I hear from my mom all the time, the disapproval, and from my sister. It’s not that I don’t agree, I’m just not involved in politics.
Marcus Millen, 16

Marcus doesn’t quite consider himself pro-Trump, he said. But unlike his mom and sister, he’s not against Trump. “I don’t really have any positive or negative thoughts,” he said. “I hear from my mom all the time, the disapproval, and from my sister. It’s not that I don’t agree, I’m just not involved in politics.” In his free time, Marcus plays sports and video games, is a Boy Scout, and does community service with his church.

St.

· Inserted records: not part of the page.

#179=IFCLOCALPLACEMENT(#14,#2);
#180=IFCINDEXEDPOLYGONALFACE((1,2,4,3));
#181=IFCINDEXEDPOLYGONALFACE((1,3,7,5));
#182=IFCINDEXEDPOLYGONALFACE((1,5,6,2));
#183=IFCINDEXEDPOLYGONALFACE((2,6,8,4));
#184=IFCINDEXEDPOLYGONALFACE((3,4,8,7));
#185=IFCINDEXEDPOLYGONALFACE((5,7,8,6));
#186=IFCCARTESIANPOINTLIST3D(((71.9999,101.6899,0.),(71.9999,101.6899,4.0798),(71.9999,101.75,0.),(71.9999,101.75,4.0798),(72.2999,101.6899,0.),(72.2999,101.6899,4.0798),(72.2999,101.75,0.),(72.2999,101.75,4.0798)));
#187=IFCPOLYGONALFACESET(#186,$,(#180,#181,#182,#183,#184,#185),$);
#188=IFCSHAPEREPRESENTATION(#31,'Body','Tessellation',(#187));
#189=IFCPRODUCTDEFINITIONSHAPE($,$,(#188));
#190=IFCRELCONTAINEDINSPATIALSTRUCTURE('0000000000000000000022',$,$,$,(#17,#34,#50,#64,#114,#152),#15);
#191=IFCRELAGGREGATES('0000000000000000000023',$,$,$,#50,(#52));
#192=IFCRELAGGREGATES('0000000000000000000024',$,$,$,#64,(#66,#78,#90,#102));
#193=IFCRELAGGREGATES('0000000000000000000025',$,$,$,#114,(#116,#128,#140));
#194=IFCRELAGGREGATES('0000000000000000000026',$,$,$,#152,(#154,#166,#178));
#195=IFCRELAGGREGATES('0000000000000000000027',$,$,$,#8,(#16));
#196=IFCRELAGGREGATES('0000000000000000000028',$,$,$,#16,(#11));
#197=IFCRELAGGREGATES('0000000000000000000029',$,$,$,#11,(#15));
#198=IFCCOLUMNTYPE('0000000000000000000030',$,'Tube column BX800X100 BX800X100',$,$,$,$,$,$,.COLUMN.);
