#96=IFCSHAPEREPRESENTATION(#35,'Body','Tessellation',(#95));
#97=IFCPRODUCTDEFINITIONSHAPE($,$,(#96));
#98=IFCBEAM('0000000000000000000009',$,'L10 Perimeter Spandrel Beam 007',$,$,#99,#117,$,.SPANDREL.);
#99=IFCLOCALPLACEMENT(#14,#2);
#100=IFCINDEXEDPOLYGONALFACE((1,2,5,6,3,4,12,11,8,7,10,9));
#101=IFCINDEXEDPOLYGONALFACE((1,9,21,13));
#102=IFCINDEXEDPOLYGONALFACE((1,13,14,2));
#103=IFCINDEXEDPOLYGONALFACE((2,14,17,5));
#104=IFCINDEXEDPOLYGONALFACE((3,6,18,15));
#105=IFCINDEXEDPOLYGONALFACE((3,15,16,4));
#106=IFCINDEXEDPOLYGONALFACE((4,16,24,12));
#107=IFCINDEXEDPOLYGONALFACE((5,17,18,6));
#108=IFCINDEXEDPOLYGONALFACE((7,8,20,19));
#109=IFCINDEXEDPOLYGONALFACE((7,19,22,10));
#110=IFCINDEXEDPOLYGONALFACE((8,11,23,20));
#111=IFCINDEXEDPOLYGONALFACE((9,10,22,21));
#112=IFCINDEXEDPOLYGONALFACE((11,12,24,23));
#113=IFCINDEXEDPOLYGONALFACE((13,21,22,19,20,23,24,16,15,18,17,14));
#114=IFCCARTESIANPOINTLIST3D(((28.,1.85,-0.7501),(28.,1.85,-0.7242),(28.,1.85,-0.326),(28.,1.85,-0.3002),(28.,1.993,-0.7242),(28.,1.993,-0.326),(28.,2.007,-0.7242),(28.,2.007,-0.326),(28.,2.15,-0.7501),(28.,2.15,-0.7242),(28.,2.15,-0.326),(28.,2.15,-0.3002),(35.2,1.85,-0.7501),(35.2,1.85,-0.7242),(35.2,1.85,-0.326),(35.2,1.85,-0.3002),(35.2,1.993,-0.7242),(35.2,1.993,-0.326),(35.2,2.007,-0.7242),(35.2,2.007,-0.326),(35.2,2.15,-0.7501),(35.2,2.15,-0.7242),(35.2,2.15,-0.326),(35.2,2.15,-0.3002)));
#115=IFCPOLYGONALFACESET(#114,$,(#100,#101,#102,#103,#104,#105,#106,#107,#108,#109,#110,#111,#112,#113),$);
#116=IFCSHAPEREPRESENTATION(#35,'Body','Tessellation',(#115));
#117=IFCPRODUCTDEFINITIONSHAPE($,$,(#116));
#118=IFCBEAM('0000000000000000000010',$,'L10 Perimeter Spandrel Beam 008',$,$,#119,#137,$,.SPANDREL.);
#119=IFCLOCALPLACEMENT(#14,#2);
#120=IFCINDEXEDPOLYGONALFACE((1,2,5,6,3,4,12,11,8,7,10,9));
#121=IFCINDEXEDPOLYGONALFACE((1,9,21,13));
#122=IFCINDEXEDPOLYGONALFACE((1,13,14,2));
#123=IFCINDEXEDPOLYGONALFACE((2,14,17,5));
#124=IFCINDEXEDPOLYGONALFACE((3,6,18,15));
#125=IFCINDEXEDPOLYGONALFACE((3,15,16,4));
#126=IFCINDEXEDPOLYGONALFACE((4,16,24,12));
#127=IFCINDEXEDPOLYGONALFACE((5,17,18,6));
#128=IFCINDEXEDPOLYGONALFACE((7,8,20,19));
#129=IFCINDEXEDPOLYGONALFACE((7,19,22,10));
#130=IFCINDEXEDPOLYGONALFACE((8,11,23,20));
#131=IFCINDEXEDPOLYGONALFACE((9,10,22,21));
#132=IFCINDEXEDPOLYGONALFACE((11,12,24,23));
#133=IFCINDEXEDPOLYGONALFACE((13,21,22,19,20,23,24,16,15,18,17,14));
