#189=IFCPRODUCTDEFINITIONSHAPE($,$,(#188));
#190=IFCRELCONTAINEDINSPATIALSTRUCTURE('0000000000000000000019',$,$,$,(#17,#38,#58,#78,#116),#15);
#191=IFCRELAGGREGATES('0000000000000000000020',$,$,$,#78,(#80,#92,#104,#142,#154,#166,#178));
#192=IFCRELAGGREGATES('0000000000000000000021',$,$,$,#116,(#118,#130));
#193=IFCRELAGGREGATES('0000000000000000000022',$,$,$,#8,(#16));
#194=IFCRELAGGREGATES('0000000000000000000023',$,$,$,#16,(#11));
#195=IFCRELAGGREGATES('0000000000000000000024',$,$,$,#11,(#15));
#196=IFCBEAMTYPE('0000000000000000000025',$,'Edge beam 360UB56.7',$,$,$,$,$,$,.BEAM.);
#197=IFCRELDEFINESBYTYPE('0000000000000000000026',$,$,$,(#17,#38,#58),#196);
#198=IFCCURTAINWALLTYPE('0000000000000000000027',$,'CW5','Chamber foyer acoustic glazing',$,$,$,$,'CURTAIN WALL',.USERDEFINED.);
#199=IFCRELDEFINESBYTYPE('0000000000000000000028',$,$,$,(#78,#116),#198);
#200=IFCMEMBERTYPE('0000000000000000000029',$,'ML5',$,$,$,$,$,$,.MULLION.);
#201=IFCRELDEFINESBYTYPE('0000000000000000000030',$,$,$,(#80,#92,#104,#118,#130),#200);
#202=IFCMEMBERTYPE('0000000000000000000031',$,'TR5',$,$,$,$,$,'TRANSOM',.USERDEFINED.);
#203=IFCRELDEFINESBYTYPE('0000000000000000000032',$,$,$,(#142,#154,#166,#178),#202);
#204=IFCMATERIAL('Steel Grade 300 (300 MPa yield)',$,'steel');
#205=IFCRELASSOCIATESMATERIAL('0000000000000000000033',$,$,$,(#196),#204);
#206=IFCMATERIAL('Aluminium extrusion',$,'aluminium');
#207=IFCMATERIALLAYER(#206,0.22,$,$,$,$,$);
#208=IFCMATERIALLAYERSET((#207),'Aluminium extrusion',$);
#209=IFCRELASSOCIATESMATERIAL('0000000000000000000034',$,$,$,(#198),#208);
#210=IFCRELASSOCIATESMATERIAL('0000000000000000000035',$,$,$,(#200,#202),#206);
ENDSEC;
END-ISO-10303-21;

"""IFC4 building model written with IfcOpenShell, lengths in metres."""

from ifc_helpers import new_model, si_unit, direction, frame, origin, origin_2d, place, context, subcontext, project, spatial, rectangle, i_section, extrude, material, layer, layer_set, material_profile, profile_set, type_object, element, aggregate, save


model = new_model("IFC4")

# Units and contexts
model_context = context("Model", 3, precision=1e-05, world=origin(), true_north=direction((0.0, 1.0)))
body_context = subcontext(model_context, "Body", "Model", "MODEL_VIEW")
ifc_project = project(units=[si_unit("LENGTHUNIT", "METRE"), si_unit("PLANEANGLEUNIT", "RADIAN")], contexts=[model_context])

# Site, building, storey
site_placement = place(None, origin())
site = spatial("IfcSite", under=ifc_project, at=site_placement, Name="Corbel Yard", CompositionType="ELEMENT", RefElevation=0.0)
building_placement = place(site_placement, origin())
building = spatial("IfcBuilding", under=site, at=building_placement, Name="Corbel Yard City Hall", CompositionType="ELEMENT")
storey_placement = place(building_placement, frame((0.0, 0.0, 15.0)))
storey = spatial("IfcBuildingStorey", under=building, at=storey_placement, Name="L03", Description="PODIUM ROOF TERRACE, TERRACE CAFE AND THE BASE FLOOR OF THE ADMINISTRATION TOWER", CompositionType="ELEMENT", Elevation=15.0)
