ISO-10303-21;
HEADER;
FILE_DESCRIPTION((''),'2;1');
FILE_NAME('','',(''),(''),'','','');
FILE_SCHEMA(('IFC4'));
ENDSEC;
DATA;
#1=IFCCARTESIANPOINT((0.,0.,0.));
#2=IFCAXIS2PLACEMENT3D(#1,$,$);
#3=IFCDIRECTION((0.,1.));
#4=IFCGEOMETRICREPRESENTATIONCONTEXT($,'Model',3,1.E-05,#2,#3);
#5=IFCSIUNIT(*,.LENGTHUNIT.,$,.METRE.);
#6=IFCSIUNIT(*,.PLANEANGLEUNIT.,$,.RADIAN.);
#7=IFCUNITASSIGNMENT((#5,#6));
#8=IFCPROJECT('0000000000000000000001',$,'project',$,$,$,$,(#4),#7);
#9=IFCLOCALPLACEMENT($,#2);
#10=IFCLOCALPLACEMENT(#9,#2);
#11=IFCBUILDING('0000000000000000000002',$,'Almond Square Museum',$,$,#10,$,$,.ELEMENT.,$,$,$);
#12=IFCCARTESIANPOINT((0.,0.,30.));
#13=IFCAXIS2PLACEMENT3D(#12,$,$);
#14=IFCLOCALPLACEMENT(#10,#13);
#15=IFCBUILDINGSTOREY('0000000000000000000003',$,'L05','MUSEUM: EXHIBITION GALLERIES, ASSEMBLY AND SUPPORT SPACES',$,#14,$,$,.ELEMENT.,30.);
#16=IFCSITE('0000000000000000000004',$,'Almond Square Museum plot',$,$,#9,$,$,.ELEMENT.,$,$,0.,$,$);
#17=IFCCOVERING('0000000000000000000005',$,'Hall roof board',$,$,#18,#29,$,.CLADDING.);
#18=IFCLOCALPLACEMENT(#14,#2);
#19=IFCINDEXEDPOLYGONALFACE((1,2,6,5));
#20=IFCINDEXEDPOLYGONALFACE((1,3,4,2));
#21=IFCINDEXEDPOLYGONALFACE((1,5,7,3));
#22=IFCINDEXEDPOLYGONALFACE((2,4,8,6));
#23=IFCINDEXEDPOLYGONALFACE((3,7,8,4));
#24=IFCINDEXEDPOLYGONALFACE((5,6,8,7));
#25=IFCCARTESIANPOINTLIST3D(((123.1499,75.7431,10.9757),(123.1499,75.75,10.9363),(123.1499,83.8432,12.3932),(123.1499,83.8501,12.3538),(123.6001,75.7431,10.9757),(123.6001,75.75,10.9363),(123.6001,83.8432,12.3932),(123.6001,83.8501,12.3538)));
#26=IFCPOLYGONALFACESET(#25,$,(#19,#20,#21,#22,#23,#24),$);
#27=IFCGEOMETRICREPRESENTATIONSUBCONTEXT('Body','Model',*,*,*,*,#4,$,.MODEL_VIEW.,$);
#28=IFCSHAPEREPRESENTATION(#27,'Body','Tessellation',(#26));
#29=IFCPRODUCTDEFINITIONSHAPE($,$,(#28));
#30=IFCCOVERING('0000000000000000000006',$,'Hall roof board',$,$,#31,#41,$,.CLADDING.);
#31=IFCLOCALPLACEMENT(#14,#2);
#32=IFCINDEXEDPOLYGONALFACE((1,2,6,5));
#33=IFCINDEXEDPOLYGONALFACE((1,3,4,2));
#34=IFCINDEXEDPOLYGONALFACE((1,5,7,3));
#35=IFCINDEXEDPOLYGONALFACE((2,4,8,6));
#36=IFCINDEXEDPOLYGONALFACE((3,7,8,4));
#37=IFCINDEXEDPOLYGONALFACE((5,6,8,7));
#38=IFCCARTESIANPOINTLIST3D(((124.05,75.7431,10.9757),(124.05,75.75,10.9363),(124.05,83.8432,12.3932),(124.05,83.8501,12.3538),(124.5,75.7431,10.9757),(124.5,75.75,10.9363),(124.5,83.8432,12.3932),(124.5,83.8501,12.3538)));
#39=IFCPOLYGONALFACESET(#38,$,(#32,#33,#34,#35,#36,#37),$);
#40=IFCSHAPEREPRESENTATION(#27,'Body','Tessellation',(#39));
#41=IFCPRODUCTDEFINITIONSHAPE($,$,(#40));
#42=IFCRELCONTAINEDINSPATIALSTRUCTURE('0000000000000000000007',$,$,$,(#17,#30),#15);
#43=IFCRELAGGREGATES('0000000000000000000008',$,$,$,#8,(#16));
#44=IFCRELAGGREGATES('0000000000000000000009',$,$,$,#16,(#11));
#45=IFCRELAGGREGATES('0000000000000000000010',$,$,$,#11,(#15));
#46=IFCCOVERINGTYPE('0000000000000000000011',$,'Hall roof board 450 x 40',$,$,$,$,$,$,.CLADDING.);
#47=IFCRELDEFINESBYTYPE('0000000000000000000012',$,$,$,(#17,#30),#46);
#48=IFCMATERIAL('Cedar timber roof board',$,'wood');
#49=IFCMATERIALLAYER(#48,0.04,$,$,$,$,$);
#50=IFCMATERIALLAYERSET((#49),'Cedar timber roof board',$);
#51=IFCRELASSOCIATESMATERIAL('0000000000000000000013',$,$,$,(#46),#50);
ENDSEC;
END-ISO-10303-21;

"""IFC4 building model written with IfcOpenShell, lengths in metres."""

from ifc_helpers import new_model, si_unit, direction, frame, origin, place, context, subcontext, project, spatial, polyline, outline, extrude, material, layer, layer_set, type_object, element, save


model = new_model("IFC4")

# Units and contexts
model_context = context("Model", 3, precision=1e-05, world=origin(), true_north=direction((0.0, 1.0)))
body_context = subcontext(model_context, "Body", "Model", "MODEL_VIEW")
ifc_project = project(units=[si_unit("LENGTHUNIT", "METRE"), si_unit("PLANEANGLEUNIT", "RADIAN")], contexts=[model_context])

# Site, building, storey
site_placement = place(None, origin())
site = spatial("IfcSite", under=ifc_project, at=site_placement, Name="Almond Square Museum plot", CompositionType="ELEMENT", RefElevation=0.0)
building_placement = place(site_placement, origin())
building = spatial("IfcBuilding", under=site, at=building_placement, Name="Almond Square Museum", CompositionType="ELEMENT")
storey_placement = place(building_placement, frame((0.0, 0.0, 30.0)))
storey = spatial("IfcBuildingStorey", under=building, at=storey_placement, Name="L05", Description="MUSEUM: EXHIBITION GALLERIES, ASSEMBLY AND SUPPORT SPACES", CompositionType="ELEMENT", Elevation=30.0)

# Coverings
ifc_material_1 = material(Name="Cedar timber roof board", Category="wood")
ifc_layer = layer(ifc_material_1, 0.04)
ifc_layer_set = layer_set([ifc_layer], Name="Cedar timber roof board")
covering_type = type_object("IfcCoveringType", Name="Hall roof board 450 x 40", PredefinedType="CLADDING", material=ifc_layer_set)
covering_1_placement = place(storey_placement, frame((123.6001, 83.8501, 12.3538), z_axis=(0.0, -0.172376, 0.985031), x_axis=(-1.0, 0.0, 0.0)))
element("IfcCovering", 1, at=covering_1_placement, inside=storey, type_object=covering_type, Name="Hall roof board", PredefinedType="CLADDING", context=body_context, shape_type="SweptSolid", body=[
    extrude(outline(polyline([(0.0, 0.0), (0.4502, 0.0), (0.4502, 8.2232), (0.0, 8.2232), (0.0, 0.0)])), origin(), (0.0, 0.0, 1.0), 0.04),
])
covering_2_placement = place(storey_placement, frame((124.5, 83.8501, 12.3538), z_axis=(0.0, -0.172376, 0.985031), x_axis=(-1.0, 0.0, 0.0)))
element("IfcCovering", 2, at=covering_2_placement, inside=storey, type_object=covering_type, Name="Hall roof board", PredefinedType="CLADDING", context=body_context, shape_type="SweptSolid", body=[
    extrude(outline(polyline([(0.0, 0.0), (0.45, 0.0), (0.45, 8.2232), (0.0, 8.2232), (0.0, 0.0)])), origin(), (0.0, 0.0, 1.0), 0.04),
])

save(model, "model.ifc")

Andrew gave him some talking points for the meeting with the president — about how the school helped him and about the importance of Catholic education. He agrees with the points, and describes his former school as a “tight-knit family.” 

For his part, he said, “I would ask that [Trump] be more positive and work to unify people.”

Marcus was speaking by phone from the family car. His mom interrupted him. His sister, she said, wanted to talk to Trump, too, because she has strong feelings — but she wasn’t asked. 

Asked to weigh in during the phone conversation, Mikaili, a sophomore, demurred. When her mom coaxed her to speak, she said, “I just want to see where [Trump’s] head is at.”

Trump’s St. Andrew visit stirred up feelings for Shawnda Thomas Faveau, a commercial and voiceover actress who has been living in Los Angeles for 21 years. She grew up in Pine Hills and went to school at St. Andrew. Since moving away, she said, she has watched with sadness as her neighborhood declined. 

She was the only black student in her grade, she said. There  were other black kids, but none stuck around until graduation. “It was a culture shock,” she recalls. “There were racial slurs. There was violence.”  

According to the Orlando Sentinel, 1,175 students received the tax credit scholarship in the ZIP code where St. Andrew is located, and 295 of those students attend St. Andrew. Now, according to the Sentinel, the school serves more minority and low-income students.

When Thomas Faveau heard about Trump’s visit, she “kind of had a panic attack,” she said. “We’re all surprised that he’s coming to our tiny school.”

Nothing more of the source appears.